El consejo de hoy pone el foco en un hábito sencillo pero de gran impacto: tomarse la presión arterial en casa y actuar con rapidez si los números se disparan. Cuando hablamos de una lectura de 135/85 mmHg, no estamos ante una alarma de emergencia, sino ante una señal de alerta temprana. El primer número, la presión sistólica, indica la fuerza con la que late el corazón; el segundo, la diastólica, mide la presión entre latidos. Superar ese umbral de forma constante sugiere que las arterias están trabajando bajo un esfuerzo extra. El consejo no solo te invita a medirte, sino a interpretar esos dígitos como un semáforo en amarillo: aún estás a tiempo de corregir el rumbo. Reducir la sal a menos de 5 gramos diarios equivale, en términos prácticos, a llenar una cucharadita de café rasa. Eso incluye no solo la sal que añades al cocinar, sino la que ya viene oculta en panes, embutidos, salsas y quesos. Consultar al médico esa misma semana no es exagerado: es una forma de obtener un diagnóstico preciso y, si hace falta, un plan personalizado antes de que la tensión se convierta en un problema crónico.
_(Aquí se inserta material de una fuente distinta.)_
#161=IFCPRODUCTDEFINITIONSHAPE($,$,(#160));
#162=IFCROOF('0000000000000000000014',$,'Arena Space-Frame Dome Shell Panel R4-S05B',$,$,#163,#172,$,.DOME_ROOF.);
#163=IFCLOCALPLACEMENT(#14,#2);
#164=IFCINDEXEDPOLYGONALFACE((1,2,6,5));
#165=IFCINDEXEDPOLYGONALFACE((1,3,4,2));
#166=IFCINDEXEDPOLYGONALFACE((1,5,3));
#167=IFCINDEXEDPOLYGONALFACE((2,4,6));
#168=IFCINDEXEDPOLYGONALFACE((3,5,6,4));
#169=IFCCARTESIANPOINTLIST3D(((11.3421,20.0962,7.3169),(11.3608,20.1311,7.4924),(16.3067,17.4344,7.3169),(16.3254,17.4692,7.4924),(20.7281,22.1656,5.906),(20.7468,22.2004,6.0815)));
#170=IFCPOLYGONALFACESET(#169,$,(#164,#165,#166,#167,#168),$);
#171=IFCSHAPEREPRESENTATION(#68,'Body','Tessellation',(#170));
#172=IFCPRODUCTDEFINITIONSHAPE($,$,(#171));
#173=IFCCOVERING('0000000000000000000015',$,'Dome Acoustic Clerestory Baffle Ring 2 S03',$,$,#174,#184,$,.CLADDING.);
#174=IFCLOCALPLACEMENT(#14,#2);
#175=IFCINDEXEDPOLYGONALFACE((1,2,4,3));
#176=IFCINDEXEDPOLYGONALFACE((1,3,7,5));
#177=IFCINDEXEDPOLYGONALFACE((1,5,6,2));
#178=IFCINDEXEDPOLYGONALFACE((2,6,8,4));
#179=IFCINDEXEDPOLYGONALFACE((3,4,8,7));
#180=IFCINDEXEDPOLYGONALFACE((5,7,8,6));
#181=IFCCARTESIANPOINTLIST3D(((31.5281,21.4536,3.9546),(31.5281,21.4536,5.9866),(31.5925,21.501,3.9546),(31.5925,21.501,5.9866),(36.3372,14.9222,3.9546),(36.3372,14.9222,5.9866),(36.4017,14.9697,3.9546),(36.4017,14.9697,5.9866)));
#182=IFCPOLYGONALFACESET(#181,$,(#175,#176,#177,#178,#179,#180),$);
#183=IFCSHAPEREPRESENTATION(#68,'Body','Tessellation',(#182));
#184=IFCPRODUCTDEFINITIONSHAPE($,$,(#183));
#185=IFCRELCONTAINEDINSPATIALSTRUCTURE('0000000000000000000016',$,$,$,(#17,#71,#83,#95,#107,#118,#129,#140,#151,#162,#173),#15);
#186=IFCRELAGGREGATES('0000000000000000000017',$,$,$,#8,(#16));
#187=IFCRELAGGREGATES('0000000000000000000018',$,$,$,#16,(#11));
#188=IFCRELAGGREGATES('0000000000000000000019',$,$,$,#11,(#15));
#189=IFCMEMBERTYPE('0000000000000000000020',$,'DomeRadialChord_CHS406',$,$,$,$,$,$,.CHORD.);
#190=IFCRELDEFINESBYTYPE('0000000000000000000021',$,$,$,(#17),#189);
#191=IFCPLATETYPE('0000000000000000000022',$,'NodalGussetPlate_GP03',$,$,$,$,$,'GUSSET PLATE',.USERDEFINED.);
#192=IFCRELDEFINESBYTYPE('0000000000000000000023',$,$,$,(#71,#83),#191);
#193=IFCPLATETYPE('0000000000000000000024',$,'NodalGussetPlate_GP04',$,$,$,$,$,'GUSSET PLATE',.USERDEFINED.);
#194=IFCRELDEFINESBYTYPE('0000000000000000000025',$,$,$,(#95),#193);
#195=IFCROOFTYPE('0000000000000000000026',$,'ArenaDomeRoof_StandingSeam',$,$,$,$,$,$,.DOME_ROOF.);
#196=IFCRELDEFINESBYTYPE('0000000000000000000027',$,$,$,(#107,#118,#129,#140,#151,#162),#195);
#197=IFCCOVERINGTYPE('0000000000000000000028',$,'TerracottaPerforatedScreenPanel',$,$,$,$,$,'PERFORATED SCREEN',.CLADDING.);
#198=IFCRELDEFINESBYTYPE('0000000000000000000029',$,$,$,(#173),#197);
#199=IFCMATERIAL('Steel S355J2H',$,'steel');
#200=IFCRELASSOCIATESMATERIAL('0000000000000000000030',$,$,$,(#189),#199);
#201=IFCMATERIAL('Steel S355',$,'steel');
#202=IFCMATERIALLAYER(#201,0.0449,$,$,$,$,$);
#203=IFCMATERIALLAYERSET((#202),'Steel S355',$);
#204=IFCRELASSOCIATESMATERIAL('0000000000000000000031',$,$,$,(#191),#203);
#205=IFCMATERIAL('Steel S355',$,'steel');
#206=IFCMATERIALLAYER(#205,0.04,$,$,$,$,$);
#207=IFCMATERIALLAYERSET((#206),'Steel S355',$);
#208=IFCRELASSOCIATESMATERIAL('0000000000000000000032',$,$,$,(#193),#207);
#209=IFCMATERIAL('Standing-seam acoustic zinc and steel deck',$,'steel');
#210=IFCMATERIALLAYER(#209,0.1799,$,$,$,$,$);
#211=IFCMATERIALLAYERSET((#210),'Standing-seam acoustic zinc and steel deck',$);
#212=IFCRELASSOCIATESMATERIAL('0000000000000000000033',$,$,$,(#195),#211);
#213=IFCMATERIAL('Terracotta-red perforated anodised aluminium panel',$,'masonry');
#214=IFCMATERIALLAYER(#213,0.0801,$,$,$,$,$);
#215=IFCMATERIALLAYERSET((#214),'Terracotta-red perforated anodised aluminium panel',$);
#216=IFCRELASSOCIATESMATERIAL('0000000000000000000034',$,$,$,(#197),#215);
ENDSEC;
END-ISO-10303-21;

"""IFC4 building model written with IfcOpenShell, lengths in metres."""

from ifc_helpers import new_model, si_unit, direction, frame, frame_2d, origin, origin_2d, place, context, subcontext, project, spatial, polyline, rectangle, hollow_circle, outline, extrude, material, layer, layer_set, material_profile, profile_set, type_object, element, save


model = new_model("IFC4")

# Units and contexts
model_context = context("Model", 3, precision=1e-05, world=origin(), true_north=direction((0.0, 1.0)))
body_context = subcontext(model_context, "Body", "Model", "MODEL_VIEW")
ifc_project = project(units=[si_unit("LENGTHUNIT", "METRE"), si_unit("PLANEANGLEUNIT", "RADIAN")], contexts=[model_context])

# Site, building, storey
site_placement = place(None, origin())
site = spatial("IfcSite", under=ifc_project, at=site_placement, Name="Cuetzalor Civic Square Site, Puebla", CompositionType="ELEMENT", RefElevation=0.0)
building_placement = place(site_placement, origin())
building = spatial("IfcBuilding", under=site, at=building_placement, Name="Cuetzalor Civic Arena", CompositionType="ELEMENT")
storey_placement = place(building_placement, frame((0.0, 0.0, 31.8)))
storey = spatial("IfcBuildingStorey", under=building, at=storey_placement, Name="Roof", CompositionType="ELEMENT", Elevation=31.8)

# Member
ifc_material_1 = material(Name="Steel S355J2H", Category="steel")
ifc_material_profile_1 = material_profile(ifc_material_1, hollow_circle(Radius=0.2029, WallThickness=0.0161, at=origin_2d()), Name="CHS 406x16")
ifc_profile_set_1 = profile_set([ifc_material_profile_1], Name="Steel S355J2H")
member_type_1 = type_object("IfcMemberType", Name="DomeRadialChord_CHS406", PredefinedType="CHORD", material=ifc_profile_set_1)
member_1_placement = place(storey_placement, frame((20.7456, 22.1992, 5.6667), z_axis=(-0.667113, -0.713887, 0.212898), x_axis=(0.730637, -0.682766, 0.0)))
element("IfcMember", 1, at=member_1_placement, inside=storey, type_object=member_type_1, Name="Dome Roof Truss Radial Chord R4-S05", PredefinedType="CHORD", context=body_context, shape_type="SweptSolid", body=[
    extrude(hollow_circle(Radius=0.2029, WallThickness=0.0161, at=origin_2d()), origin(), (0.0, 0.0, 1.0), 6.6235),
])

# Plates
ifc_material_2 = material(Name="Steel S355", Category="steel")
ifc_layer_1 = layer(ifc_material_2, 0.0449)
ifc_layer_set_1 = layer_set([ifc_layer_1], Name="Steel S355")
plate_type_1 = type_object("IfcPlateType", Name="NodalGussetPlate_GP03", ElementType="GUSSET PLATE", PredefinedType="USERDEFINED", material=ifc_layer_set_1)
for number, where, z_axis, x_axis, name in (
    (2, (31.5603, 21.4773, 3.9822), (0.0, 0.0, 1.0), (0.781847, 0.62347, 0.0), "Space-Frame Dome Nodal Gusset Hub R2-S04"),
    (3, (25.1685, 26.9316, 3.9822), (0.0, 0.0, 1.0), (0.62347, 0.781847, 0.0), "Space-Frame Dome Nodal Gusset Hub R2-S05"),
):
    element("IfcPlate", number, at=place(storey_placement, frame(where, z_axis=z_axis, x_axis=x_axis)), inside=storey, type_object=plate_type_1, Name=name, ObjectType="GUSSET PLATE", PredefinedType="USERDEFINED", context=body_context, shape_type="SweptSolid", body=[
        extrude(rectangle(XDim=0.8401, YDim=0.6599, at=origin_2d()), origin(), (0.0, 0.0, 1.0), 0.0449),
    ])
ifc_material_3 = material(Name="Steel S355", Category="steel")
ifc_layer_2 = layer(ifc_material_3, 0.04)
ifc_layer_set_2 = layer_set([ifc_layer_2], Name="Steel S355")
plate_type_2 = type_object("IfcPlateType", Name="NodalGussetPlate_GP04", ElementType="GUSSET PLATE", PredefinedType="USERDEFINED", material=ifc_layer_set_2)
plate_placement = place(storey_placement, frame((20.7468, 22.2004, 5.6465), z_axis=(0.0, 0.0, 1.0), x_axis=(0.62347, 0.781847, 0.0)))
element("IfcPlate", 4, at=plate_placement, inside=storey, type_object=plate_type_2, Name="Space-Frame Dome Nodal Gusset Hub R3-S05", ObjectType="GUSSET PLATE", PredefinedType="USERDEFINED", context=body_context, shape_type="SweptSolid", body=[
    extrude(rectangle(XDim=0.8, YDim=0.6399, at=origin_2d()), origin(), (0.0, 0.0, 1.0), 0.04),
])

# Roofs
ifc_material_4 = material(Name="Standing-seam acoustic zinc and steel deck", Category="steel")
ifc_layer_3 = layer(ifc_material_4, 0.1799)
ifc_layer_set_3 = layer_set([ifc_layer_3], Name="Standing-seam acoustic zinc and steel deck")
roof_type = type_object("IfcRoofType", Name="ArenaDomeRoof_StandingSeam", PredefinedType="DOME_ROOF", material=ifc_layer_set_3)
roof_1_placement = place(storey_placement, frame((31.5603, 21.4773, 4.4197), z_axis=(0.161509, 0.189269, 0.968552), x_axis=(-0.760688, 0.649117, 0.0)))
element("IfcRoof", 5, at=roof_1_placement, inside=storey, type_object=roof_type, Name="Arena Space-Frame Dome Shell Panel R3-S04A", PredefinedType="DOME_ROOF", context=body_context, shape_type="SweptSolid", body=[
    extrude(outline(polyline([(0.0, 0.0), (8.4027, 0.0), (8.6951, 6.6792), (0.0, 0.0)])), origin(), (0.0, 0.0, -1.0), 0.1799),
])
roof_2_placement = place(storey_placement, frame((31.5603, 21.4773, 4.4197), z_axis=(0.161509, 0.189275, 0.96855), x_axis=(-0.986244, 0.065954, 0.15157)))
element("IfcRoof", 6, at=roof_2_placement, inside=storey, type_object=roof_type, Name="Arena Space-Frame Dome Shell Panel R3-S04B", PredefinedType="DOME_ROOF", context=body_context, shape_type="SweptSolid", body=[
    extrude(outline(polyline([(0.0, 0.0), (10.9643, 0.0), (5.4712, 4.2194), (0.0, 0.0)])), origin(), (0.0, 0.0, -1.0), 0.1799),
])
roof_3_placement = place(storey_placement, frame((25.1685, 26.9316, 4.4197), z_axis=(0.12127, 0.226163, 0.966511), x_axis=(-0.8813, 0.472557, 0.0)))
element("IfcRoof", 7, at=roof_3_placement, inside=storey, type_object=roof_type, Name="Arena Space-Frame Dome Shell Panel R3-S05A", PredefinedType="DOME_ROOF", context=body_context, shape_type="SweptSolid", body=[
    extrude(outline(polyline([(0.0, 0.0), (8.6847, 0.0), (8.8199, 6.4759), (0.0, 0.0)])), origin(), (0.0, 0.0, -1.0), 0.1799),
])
La ciencia (o historia) detrás

La relación entre el consumo de sal y la presión arterial no es una moda reciente. Ya en la antigua China, hace más de 4.000 años, el emperador Shen Nung advertía sobre los peligros de una dieta demasiado salada. Pero el hallazgo científico clave llegó en la década de 1970 con el estudio INTERSALT, un macroproyecto que analizó a más de 10.000 personas en 32 países. Sus conclusiones fueron contundentes: las poblaciones con bajo consumo de sal (como los yanomami de la Amazonía) presentaban presiones arteriales notablemente bajas y no mostraban el aumento típico con la edad. Por el contrario, en países con alto consumo de sodio, la hipertensión era endémica. La Organización Mundial de la Salud recomienda el límite de 5 gramos diarios basándose en estos datos. Además, investigaciones recientes del New England Journal of Medicine confirman que reducir la ingesta de sal en apenas 1 gramo al día puede disminuir el riesgo de infarto hasta en un 25%. El valor de 135/85 mmHg no es arbitrario: es el punto donde las guías clínicas internacionales sitúan el inicio de la "presión arterial elevada", un estadio en el que los cambios en el estilo de vida aún pueden revertir la tendencia sin necesidad de fármacos.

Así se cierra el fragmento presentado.